Anki lets you input information as single flash cards - a question and an
answer, and then tag that card by topic(s).

Breaking topics down into questions and answers is a great way to understand
infomation deeply for reasons explained in detail at the supermemo website
[2]. The crucial added bonus with Anki is that it will manage your memory,
quizing you on previously input knowledge at intervals engineered to enhance
long term memory.

[1] Anki: <http://ankisrs.net/>

[2] How to formulate knowledge:
<http://www.supermemo.com/articles/20rules.htm>

------
atlei
(shameless plug)

A short comparison of Evernote, OneNote and iKnow (my company's product)

\- <http://www.ppcsoft.com/blog/iknow-onenote-evernote.asp>

More information

\- [http://www.ppcsoft.com/blog/ppcsoft-iknow-2011-beta-
released...](http://www.ppcsoft.com/blog/ppcsoft-iknow-2011-beta-released.asp)

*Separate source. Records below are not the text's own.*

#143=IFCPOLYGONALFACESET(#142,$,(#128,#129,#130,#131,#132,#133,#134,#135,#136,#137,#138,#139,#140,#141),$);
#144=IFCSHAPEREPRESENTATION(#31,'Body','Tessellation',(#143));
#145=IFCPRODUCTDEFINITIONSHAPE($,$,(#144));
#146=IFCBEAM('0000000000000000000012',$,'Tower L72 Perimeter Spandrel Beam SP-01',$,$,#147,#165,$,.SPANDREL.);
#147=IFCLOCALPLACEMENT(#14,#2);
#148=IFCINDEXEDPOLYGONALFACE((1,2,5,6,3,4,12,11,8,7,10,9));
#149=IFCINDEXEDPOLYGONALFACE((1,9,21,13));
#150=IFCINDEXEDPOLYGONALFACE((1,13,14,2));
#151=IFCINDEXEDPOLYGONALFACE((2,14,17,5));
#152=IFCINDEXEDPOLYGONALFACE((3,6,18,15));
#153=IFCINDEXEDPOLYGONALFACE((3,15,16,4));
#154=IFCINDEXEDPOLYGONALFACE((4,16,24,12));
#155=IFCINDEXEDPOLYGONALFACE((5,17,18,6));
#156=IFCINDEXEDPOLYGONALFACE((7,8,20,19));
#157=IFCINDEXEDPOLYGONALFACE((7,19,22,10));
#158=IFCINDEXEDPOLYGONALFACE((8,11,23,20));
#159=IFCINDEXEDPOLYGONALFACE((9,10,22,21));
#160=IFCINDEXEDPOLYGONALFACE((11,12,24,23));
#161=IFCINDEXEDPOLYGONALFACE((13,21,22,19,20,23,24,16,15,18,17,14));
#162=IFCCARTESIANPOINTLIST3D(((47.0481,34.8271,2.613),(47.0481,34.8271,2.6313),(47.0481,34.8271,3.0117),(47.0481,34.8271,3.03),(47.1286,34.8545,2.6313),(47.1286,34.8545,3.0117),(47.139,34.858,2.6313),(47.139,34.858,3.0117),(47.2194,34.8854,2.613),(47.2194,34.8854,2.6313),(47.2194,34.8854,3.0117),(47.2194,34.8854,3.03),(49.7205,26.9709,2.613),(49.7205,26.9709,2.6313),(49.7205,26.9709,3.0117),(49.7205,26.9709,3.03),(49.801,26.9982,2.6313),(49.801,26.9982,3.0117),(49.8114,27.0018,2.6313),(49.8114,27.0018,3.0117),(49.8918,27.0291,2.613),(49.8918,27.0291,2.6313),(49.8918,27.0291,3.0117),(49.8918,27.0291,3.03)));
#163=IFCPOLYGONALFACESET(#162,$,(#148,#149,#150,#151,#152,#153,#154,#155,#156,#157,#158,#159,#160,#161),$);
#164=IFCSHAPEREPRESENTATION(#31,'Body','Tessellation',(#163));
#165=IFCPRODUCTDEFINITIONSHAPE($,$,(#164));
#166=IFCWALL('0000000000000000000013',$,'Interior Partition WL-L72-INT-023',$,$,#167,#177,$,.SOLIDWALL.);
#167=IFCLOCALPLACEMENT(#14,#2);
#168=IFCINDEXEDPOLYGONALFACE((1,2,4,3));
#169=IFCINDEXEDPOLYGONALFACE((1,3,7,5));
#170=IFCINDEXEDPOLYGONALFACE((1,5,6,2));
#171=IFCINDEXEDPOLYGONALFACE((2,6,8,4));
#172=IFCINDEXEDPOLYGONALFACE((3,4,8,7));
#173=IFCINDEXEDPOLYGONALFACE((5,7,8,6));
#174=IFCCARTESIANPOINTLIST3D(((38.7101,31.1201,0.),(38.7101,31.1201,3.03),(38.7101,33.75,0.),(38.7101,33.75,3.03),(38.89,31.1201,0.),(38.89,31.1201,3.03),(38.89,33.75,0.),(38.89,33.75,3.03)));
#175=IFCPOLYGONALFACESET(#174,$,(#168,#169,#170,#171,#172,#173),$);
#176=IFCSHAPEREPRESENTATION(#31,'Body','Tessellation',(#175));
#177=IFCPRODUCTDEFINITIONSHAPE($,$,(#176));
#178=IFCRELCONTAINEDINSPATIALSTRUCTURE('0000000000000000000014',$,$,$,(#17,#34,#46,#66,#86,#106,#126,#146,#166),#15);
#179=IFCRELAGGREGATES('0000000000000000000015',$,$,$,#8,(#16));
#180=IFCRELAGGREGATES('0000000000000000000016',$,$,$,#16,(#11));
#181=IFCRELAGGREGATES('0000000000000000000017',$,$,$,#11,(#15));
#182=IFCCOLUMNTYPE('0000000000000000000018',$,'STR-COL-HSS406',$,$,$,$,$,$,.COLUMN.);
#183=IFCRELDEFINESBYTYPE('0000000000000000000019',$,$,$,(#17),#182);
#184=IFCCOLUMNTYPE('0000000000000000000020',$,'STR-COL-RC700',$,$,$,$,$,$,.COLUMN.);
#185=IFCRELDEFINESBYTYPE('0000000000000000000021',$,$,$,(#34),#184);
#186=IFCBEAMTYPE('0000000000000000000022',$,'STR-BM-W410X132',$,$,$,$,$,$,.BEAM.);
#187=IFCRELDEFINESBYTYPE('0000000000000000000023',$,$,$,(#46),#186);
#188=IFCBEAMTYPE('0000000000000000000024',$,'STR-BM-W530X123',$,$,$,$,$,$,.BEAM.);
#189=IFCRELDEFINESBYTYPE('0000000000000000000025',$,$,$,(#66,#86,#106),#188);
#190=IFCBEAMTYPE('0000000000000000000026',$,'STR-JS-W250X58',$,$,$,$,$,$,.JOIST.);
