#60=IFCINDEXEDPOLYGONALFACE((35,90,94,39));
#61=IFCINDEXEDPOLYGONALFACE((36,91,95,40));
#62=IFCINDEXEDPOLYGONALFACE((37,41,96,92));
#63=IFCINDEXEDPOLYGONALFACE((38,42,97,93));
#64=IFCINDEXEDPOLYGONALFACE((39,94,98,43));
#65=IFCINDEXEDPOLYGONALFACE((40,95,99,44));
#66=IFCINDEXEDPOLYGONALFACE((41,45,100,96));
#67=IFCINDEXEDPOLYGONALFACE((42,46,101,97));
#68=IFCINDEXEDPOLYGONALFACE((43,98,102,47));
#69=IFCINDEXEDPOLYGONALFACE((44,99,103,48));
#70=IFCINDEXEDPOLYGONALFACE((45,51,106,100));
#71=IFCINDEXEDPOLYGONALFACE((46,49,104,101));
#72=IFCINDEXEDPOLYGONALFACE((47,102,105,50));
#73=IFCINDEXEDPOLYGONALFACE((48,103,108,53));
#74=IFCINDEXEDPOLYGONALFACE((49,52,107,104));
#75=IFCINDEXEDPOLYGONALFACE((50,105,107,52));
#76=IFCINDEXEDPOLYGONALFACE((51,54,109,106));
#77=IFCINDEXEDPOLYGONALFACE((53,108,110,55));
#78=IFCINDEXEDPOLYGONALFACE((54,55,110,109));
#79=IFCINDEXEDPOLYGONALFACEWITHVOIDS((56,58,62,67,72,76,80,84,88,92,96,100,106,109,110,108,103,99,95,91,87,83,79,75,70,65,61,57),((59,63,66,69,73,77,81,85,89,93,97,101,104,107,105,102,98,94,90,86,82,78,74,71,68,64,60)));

\- <http://www.ppcsoft.com/blog/personal-wiki.asp>

Summary; Personal wiki/notes desktop application for Windows

(/shameless plug)

------
Shooter
If you use a Mac, try:

<http://flyingmeat.com/voodoopad/>

I tried several of the open-source wiki apps, and then was very happy to pay
for VoodooPad. I use it and mindmapping apps quite a bit. I bought a notebook
app from Circus Ponies, but I don't open it very often. I use DevonThink Pro
Office extensively, and it saves me enormous amounts of time. I also use Emacs
orgmode and a few other Mac apps that are probably overkill for most people.

------
Athtar
Microsoft OneNote.

Documents, screen clippings, random thoughts, notes, audios/videos - whatever,
really - all sorted and searchable. And I have not found a better tool when it
comes to handwritten to text conversion as well as full text searching of
handwritten notes.

------
ncash
I've been using Catch (www.catch.com) to organize and record just about
everything. Their mobile app is pretty well designed, so I'm able to record
any random thoughts I'd like to revisit later without much of a hassle.

------
tsycho
I have been using thinkery.me, and find it much less cluttered and way faster
than Evernote. They also have a nifty bookmarklet to add the current site on
your browser to your notes.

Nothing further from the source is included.